Compromise? That term means give and take. What have the Maoists TRULY given up for where they have come? They raised guns and tore what little democracy nepal had and people like you want to harp on Gyanendra's idocy and praise the Maoists for laying down their weapons (temporarily)? Do you realize how absurd the idea of giving the maoists everything they want so that they don't go back terrorism, is?

Good luck brining all those bahunists to justice Abhi.... in that regard, the whole country wishes you the best of luck.

While you're at it, don't forget Chiranjibi Wagle, Jaya Prakash Gupta, Sher Bahadur Deuba, Sujata Koirala, Mahav Kumar Nepal... oh my, pretty much all the honchos in the seven party alliance.

Anonymous said...

Abhi stance is similar to mother-in-law beating her daughter to show off to her daughter-in-law.
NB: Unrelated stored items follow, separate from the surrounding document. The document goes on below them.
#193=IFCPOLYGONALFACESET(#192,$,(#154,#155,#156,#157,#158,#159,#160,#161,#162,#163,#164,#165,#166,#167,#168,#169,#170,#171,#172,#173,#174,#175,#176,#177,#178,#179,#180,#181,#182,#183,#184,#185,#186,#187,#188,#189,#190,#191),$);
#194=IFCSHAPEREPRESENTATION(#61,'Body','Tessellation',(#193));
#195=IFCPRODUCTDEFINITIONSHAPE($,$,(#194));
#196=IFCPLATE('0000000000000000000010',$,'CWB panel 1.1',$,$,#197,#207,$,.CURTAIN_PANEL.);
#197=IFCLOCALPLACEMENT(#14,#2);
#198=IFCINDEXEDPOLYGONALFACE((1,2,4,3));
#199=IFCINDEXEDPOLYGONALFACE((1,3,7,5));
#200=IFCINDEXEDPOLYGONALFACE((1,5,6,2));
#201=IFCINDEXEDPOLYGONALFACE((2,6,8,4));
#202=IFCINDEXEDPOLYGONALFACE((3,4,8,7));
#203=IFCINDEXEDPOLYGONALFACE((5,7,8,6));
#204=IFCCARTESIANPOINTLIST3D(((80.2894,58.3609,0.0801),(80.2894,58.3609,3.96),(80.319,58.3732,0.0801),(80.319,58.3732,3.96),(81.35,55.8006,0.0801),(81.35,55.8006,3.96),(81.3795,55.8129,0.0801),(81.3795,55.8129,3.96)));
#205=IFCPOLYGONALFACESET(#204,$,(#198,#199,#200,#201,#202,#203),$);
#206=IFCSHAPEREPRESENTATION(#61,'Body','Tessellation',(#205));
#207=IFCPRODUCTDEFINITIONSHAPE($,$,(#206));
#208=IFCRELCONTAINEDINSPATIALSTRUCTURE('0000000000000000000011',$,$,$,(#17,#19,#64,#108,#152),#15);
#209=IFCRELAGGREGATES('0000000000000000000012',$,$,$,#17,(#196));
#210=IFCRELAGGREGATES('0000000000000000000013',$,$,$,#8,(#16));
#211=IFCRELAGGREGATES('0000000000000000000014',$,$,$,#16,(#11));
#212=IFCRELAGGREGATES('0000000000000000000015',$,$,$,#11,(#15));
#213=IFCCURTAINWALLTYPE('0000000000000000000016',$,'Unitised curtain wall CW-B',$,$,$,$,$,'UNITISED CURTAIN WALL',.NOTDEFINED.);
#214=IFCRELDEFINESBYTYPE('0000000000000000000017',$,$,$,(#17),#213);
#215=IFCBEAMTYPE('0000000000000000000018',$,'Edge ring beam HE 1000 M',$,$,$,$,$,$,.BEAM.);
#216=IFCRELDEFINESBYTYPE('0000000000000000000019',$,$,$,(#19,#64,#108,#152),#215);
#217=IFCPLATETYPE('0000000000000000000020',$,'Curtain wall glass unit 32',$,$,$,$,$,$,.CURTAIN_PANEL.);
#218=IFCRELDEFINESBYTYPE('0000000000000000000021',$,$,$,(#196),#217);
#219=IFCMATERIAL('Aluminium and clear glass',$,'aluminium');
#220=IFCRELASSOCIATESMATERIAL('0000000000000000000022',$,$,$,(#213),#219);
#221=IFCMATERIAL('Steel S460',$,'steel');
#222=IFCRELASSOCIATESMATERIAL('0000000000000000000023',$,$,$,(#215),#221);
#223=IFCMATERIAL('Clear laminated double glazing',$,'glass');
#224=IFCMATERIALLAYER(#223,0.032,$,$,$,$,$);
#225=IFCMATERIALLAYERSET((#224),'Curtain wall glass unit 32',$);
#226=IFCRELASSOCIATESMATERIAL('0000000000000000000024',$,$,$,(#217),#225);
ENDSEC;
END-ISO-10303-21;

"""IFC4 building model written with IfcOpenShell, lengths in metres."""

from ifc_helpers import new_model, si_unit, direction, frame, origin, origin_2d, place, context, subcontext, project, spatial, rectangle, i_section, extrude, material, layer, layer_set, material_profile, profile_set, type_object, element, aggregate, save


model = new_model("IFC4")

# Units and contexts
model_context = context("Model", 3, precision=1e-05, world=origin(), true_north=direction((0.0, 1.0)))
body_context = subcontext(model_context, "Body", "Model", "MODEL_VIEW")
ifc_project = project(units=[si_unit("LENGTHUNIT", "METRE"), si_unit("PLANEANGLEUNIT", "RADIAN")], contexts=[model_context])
No matter how hard you try to disparage King's rule, it just does not cut it anymore. Are we to appease to such an extent where only recourse from there would be death or gulags. You speak of trying times in past and been taken for a ride- to me and for my generation "taken for ride" has been past 15 years of misfits and terrorist who are hell bent on my way or noway. I curse you because you justify their actions for destroying my potential, my right to live in free and fair country, and sense of a society (no communal tension) and security.

You take King's rule of 15 months as mother of all dictatorship whereas you skim past 14 months of SPAM rule without even mentioning the never seen anomalies, from communal to regional separation from the state- this is a fact.As a Nepali I fear going to Tarai, as a citizens I fear for my family security, as a parent I fear for my children's future in Nepal- the litany is never ending. I know you must be aware unless you are living high somewhere in US bantering for the sake of your mental masturbation.
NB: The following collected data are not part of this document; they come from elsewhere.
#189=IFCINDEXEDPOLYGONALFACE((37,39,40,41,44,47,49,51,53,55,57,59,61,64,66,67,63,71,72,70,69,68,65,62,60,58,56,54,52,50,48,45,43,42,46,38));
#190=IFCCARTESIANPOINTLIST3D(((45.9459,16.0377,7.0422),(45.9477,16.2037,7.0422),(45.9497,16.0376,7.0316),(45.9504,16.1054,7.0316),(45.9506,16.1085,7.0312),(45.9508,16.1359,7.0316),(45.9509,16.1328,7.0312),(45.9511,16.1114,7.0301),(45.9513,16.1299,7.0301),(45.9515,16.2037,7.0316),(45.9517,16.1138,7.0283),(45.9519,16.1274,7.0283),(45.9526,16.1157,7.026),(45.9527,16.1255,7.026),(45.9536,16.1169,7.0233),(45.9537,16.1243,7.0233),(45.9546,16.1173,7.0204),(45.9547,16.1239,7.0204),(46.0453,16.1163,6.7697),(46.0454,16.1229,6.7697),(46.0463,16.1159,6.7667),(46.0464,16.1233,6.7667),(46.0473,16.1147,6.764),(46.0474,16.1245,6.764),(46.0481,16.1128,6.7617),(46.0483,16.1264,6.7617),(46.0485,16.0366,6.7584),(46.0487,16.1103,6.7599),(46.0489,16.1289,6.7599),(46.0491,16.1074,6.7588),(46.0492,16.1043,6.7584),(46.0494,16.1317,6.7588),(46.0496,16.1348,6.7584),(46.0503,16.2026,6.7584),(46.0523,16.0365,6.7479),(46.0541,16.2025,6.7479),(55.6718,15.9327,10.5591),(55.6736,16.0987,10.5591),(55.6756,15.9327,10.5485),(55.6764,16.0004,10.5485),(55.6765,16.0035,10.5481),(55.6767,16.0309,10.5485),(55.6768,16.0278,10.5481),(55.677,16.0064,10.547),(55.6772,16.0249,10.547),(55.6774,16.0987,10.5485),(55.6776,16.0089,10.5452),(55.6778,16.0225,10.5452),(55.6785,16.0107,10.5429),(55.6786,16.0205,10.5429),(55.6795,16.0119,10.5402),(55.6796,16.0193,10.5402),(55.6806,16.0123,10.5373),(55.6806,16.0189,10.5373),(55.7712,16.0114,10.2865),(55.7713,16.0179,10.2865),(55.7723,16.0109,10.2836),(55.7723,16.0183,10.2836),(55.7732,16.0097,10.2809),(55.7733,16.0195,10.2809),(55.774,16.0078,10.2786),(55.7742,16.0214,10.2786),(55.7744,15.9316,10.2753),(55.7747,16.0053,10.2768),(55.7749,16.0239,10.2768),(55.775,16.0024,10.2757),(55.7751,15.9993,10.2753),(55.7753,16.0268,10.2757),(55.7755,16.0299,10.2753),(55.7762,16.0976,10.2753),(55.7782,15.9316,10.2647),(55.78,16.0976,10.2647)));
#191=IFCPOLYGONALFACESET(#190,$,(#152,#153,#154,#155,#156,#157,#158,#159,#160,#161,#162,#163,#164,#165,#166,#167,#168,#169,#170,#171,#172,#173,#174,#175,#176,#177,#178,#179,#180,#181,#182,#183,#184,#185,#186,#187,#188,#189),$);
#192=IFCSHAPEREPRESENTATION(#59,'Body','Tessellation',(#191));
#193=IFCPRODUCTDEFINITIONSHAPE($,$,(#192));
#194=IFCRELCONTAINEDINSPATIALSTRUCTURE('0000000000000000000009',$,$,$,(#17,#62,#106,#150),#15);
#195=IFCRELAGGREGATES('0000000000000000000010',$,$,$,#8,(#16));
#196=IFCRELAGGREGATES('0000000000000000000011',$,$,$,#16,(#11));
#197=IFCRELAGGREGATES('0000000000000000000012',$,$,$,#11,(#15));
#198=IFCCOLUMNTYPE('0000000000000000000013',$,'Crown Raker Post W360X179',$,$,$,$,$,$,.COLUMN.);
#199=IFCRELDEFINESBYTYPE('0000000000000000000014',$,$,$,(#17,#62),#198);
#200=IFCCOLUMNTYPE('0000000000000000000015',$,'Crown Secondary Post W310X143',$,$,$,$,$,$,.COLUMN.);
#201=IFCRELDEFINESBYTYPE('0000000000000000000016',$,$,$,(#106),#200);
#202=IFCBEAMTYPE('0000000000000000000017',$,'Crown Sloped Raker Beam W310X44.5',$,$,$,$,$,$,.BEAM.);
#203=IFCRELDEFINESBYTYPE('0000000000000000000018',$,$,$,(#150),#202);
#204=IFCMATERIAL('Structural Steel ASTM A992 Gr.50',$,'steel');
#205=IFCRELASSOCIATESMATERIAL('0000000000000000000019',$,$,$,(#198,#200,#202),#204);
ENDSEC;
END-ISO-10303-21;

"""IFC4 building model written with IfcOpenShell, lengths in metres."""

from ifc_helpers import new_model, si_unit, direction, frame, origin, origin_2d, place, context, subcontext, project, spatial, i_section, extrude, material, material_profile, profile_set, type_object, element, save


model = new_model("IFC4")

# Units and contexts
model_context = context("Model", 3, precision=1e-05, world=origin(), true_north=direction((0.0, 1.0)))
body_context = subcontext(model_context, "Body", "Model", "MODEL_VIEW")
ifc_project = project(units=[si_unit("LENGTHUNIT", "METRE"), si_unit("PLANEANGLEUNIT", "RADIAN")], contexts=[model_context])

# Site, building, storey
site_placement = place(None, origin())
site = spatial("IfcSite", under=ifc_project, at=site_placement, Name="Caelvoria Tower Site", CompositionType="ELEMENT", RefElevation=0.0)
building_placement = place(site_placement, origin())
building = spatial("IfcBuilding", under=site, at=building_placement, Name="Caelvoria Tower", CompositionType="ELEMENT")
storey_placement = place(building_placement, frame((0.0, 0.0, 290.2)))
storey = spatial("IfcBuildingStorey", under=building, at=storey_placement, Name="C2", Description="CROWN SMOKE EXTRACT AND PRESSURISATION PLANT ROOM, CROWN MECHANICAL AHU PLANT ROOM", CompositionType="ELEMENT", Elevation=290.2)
God, how I hate these pretentious sleazeballs.

Anonymous said...

The exercise of CA will be empowering or groupism, political parties and INGOs not for people like us or individuals who believes in guarantee of rights and freedom without the duress of politicization, threats and need to ally with certain organization or communal group to save their skin. So much for CA. Only the fools rush in.

Anonymous said...

CA elections will not happen in November. It is logistically and practically impossible.

If you really think about it, who has benefitted from any political development in Nepal over the past 3 years - just the 1% minority elite who have always benefitted at the expense of the Nepali people.

CA elections is just another exercise of one group of elites battling another for political space. The man, woman and child who was hungry before the king's time stayed hurngry during the king's time, is still hungry today and unfortunatley, will still be hungry after polls (whenever that is going to be).